Created 2005-09-23 Modified 2007-01-01
Chelton Evans
Sorting Algorithms
Intro
Sorting Methods Summary
Computational Geometry Algorithms
Warning
Most computer scientists grew up with the concept of average and worst case complexity. Actually there was a time when these ideas were mysterious and difficult to grasp - as I read one of the original papers of the time trying to convey to the reader the idea of O(n^k).
So again like a new thing the randomized algorithms input has woken us up to expected complexity. This is where the input is randomized and fed into the algorithm. Its power is that it turns algorithms that are potentially weak on a data set into their optimal complexity - with extremely high confidence. And I mean extreme confidence.

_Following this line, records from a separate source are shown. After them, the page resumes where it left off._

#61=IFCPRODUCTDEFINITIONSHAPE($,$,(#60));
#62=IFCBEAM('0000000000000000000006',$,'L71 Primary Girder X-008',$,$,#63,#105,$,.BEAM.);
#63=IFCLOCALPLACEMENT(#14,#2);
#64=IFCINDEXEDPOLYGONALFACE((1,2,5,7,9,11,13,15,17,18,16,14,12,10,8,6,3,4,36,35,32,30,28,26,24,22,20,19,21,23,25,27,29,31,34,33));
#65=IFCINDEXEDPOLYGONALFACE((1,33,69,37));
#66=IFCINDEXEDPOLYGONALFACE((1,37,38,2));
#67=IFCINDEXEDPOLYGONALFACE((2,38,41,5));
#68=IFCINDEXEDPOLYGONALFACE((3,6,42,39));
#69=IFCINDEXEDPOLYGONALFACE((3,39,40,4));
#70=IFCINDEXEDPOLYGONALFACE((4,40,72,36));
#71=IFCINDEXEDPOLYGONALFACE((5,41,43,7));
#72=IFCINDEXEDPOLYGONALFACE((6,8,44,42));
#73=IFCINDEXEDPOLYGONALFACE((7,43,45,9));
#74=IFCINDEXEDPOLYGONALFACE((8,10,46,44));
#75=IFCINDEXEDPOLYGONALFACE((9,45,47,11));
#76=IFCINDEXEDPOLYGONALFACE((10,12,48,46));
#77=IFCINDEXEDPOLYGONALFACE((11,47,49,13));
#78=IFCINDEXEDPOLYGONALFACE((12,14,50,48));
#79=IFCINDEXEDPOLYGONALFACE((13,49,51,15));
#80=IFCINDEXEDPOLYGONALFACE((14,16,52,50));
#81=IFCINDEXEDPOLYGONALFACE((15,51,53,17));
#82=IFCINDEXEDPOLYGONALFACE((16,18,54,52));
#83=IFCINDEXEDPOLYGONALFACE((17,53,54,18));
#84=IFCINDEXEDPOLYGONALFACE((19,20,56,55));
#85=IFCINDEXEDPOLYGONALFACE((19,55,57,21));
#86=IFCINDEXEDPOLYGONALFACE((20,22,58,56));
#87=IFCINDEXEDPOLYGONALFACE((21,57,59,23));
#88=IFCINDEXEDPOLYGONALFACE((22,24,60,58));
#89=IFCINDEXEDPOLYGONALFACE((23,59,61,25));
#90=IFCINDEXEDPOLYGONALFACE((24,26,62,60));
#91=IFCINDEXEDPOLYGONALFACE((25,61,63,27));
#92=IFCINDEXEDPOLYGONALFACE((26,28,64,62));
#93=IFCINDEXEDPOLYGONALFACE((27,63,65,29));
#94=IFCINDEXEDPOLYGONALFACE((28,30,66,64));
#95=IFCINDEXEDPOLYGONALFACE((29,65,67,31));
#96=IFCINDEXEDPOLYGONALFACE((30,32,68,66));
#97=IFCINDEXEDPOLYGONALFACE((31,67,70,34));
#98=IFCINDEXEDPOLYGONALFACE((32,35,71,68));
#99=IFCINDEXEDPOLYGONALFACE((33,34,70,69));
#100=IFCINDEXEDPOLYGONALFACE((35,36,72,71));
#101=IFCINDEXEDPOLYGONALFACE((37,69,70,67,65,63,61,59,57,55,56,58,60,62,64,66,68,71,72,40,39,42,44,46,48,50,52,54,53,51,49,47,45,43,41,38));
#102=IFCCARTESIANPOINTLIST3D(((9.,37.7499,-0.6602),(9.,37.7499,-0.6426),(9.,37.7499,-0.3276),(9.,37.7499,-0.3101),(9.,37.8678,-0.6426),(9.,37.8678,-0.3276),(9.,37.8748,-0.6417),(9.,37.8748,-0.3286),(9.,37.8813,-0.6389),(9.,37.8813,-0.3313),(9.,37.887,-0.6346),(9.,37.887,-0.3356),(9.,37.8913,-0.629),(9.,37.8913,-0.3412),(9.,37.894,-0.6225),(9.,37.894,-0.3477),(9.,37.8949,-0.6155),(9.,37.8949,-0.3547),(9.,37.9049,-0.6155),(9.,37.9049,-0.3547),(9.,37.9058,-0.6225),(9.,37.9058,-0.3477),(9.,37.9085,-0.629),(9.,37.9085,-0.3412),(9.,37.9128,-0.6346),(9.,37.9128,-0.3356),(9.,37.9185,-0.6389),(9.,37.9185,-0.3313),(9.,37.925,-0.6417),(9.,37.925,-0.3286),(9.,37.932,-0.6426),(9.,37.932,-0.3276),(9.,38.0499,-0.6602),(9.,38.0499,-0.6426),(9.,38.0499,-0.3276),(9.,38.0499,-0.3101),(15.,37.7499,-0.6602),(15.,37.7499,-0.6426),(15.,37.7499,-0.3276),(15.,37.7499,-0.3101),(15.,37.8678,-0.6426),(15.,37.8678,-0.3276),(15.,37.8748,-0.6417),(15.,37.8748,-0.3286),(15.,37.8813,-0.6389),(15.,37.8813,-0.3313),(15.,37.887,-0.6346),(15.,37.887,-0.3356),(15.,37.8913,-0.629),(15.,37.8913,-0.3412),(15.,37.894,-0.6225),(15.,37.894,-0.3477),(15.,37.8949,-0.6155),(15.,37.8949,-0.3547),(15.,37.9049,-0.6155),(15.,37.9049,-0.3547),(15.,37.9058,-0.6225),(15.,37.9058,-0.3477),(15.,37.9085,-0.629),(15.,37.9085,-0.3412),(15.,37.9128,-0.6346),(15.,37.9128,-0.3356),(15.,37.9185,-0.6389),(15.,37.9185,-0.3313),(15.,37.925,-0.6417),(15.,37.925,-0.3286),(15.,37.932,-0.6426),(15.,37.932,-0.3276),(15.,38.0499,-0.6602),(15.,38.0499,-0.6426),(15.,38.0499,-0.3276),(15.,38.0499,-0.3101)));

For all practical purposes the expected complexity is the worst case complexity.
There are those of you who may howl and carry on but the facts are in and any argument to the contrary is ill informed and emotive.
| Bubble sort with Randomized Input | O(n^2) |
| Insertion Sort | O(n^2) |
| Heap Sort | O(n log n ) |
| AVL Trees | O( n log n ) |
| Quick Sort with Randomized Input | O( n log n ) |
| Insertion into a binary tree with Randomized Input | O( n log n ) |
| Shell Sort | O(n^(3/2)) |
| Merge Sort | O( n log n ) |
| Bucket Sort with Insertion Sort in Lists | O(n) best, O(n^2) worst |
| Bucket Sort with O( n log n ) sort in lists | O(n) best, O( n log n ) worst |
The randomized input has as much influence on computational geometry. For example consider the quick hull algorithm which has average O( n log n ) and worst O(n^2). By randomizing its input it has O( n log n ) complexity. This happens to be the theoretical limit.
You may now call me a hypocrite, but there may still be data sets that bring back the worst case complexity. However the algorithms are much more robust and do not suffer in normal situations as the quick sort did on an already sorted data set.